Employees must file a complaint with the NYSDHR within one year of the last alleged act of discrimination. Where an employee chooses to go straight to court instead, the suit must be brought within three years of the last act of discrimination.
New York City
Employees in New York City who experience discrimination can file a complaint with the New York City Human Rights Commission’s (NYSHRC) Law Enforcement Bureau (LEB). The LEB will serve a copy of the complaint on the employer and the employer must file an answer within 30 days of service. As with the NYSDHR, the LEB will review and investigate the complaint and determine whether there is probable cause that the employer engaged in discriminatory conduct. The decision is not appealable, but the aggrieved party may apply for review within 30 days of the determination. As with the state process, LEB will invite the parties to a conciliation proceeding. If the parties do not resolve the matter, an administrative law judge will be assigned who will also conduct hearings and settlement conferences before issuing a final order.
Complaints must be filed within one year of the last alleged act of discrimination or three years for cases involving gender-based harassment. As under state law, employees can bring a lawsuit in the New York state courts within three years from the last act of discrimination.
Both the NYSDHR and NYCHRC can issue cease and desist orders against the employer and order employee reinstatement, payment of lost wages or emotional distress damages, and civil penalties against the employer.
What Defenses Exist to Harassment and Discrimination Claims?

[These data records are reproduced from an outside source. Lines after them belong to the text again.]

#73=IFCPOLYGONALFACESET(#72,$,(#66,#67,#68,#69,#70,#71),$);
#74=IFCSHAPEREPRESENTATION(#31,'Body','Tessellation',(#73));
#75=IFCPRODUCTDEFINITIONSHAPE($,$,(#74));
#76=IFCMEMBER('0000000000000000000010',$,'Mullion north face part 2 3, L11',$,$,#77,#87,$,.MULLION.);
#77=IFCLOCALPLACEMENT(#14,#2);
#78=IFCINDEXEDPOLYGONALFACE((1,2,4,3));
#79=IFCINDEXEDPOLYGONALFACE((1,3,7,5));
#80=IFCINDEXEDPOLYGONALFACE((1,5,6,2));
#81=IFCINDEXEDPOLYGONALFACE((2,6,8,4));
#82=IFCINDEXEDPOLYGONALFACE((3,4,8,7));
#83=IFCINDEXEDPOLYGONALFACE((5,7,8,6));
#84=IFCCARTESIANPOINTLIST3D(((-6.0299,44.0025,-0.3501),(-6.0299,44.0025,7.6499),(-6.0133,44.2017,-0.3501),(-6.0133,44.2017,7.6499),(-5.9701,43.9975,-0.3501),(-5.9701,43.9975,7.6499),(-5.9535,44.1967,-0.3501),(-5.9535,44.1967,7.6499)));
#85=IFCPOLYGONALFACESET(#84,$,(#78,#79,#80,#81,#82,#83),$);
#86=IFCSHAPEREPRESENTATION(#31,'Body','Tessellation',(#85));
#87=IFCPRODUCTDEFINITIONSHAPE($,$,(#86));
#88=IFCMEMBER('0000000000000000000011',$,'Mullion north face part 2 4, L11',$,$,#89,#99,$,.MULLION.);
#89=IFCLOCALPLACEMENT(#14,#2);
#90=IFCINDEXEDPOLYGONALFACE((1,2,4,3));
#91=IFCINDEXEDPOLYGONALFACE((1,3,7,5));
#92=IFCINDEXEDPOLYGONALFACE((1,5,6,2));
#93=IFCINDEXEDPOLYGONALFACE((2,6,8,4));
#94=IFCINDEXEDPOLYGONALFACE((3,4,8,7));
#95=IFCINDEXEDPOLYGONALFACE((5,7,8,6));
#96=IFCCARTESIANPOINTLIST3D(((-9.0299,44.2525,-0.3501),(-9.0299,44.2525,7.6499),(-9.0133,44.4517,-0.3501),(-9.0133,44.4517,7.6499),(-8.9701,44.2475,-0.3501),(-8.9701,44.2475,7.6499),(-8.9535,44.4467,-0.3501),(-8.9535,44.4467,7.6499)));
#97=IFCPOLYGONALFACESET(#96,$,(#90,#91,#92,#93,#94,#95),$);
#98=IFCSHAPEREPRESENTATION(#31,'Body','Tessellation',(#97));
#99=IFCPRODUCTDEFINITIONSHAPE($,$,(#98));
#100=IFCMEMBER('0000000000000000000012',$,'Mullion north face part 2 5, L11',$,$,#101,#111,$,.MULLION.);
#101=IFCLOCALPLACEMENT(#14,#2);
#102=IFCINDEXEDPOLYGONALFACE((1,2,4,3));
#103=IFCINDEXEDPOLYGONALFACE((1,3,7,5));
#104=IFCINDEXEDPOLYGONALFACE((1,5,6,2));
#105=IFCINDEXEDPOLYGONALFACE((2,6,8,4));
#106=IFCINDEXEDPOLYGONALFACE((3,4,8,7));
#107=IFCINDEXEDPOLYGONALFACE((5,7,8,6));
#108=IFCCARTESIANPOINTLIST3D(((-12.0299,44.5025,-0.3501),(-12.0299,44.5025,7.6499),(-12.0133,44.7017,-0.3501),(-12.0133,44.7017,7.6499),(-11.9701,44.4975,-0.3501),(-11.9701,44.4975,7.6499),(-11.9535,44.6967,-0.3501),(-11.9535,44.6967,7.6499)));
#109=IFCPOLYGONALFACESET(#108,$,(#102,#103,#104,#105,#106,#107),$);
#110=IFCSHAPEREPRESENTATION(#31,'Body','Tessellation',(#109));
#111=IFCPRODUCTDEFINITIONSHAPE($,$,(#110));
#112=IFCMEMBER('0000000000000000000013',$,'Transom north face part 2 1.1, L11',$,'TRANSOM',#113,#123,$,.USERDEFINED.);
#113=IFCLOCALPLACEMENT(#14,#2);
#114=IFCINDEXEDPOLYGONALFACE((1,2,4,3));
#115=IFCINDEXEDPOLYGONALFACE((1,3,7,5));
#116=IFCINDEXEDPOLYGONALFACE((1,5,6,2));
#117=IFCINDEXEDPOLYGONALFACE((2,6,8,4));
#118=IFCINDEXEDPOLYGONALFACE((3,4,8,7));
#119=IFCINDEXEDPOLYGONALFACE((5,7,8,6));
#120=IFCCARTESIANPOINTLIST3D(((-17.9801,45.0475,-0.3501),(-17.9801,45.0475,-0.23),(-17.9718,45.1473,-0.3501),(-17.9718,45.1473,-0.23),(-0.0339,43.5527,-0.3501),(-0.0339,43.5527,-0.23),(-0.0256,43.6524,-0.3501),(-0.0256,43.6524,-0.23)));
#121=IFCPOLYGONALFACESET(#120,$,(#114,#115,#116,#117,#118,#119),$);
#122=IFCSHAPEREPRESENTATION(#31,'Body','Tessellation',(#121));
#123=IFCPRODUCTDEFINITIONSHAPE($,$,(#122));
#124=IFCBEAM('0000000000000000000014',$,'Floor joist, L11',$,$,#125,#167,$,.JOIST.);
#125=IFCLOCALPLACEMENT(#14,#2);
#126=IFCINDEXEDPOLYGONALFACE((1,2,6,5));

Defenses to discrimination claims vary depending on the law at issue. Generally, there is a defense if the employer had a legitimate non-discriminatory motive for the conduct. For instance, an employee may have been passed over for promotion because others were more qualified. The best way to prove this defense is to keep careful records on employees, including conducting regular reviews. In addition, employers should take care to clearly define what criteria is being used to evaluate employees.
Where a seemingly neutral employment policy has a disparate impact on a protected group, the employer has a defense that the policy is job-related and consistent with business necessity. The employer must show that the policy is “reasonably designed and administered to achieve a legitimate business purpose in light of the circumstances,” including its potential harm to the protected group.
Under some statutes, employers have an obligation to provide a reasonable accommodation to an employee who is adversely impacted by an employment practice, such as with religious or disability discrimination. In those cases, the employer still has a defense if a proposed accommodation would pose an undue hardship.
Under federal law, employers are generally liable if a supervisor is the harasser, but they have an affirmative defense. Employers are not liable if they can show they acted reasonably to prevent and correct the harassing behavior and the employee unreasonably failed to take advantage of any preventive or corrective opportunities provided by the employer or to avoid harm otherwise. If the harasser was not a supervisor, an employer is only liable if it knew or should have known of the misconduct.
Under New York law, employers have a defense to the extent that the employee must show that the harassment consists of more than “petty slights or trivial inconveniences.”
Employers cannot afford to treat discrimination claims lightly. Best practice is to consult an attorney about establishing appropriate preventative measures. If a complaint arises, experienced legal counsel can help determine the best way to respond.